# 85 f/1.2 L II vs 85 f/1.8



## MacroBug (Apr 2, 2012)

On FF is the 85 f/1.2 L II worth the premium over the f/1.8? I know the 1.2 is an L lens and has better build quality, but Photozone indicates the 1.8 is a better value along with having faster focus. I'm also not sure about focus-by-wire. I'm trying to build a stable of high quality primes, but don't want to spend the extra money if the difference is minimal for portraits outside of a studio. Thanks!


----------



## neuroanatomist (Apr 2, 2012)

I upgraded from the 85mm f/1.8 to the 85mm f/1.2L II, and it was worth it to me. The 85mm f/1.8 is definitely a great value, one of the best in the Canon lineup, IMO. But the 85L is a better lens.

The AF of the 85L is definitely slow...significantly slower than the 85/1.8. Still, most situations in which I use the 85L do not demand fast AF. The focus-by-wire is fine for MF, the only hassle is that you have to get used to retracting the front element before you unmount the lens (assuming you prefer to store your lenses that way, which I do).

The 85L is sharper in the center than the 85/1.8, but a little less sharp at the edges.
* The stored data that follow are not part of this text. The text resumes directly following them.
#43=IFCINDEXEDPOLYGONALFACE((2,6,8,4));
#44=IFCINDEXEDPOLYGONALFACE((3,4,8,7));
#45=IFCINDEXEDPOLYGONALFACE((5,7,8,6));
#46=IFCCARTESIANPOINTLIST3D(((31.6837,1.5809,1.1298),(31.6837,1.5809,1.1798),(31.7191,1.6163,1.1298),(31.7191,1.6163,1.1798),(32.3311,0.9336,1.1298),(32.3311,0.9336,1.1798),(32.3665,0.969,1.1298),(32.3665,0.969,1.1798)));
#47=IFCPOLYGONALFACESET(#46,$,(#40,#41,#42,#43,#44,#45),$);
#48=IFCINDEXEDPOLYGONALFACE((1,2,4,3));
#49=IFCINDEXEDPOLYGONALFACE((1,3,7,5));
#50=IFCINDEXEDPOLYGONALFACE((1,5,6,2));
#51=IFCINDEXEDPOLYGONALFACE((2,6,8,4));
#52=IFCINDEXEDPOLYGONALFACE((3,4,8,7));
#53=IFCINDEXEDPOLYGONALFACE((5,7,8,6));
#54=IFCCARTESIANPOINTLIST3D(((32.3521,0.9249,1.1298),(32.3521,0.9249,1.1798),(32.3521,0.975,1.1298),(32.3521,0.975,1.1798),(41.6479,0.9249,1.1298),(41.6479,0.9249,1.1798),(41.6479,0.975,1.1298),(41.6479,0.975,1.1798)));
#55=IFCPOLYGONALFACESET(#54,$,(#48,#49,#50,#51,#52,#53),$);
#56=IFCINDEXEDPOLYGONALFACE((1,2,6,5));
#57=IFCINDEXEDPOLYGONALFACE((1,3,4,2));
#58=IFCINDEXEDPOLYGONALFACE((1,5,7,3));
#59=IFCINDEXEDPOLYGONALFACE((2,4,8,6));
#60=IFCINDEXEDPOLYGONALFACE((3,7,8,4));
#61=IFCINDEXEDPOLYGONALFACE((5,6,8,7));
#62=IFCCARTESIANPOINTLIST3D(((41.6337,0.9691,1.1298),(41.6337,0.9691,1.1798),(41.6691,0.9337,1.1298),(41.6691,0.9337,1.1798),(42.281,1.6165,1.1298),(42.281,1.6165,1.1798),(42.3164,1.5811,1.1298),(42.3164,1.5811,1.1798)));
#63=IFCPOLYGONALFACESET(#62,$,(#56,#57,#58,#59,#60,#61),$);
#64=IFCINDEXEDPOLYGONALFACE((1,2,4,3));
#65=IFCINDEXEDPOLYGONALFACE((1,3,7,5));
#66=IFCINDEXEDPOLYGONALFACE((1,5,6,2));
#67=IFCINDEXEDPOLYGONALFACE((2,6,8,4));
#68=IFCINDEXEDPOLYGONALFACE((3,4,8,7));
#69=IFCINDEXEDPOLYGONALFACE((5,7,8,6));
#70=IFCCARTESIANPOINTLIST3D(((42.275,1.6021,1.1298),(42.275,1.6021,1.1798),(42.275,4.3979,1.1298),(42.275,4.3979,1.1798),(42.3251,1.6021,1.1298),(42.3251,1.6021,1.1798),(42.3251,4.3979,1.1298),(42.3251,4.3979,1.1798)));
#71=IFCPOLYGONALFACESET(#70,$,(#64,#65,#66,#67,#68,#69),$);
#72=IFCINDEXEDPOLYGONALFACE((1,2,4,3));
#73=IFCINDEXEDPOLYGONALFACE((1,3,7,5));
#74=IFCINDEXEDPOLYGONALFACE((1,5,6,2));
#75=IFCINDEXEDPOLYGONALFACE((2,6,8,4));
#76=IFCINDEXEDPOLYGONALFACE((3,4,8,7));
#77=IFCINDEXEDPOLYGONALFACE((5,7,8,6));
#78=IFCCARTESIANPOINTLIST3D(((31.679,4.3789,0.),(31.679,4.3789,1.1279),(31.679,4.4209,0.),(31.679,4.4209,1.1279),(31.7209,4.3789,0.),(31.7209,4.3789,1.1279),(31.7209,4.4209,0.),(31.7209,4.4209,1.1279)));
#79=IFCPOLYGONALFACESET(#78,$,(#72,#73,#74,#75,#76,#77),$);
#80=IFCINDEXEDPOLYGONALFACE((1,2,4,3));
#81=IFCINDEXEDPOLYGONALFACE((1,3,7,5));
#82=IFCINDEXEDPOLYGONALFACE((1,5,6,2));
Importantly, the 85L has less longitudinal CA (bokeh fringing is the bane of the 85/1.8 ), and with both at f/1.8 the bokeh of the 85L is better, as you can see from this test:


----------



## Bart van Dieken (Apr 2, 2012)

You might want to take the Sigma AF 85mm f/1.4 EX DG HSM in consideration?
- f/1.4
- solid build quality
- sharp
- not sure whether the AF is as accurate as the Canon f/1.2 or f/1.8... anyone?

Link:
http://www.photozone.de/canon_eos_ff/602-sigma85f14eosff


----------



## sethlowephoto (Apr 2, 2012)

I have the 85 f/1.8 and couldn't be happier. The guy I used to assist for has the 1.2, and I cant say the difference is worth it. For the same money you could have the 1.8 and the 135 f/2. Way better decision IMO. Bokeh is great, auto focus is dead on, and its incredibly sharp. (I shoot 5DMKII and 40D)


----------



## rahkshi007 (Apr 2, 2012)

i also have dilemma between this 2 lens.. and finally i made my decision of getting the 85mm 1.2 mark2. this is because i think i will mostly use at f1.2 as i like take portrait of whole body.. so it is definitely need f1.2.. but if you do half body shot, a f1.8 to 2.8 is enough. Mine will be arrive next week and i am excited to test it...


----------



## TrumpetPower! (Apr 2, 2012)

Any "Is it worth it?" question can really only be answered after first answering one of two sets of setup questions.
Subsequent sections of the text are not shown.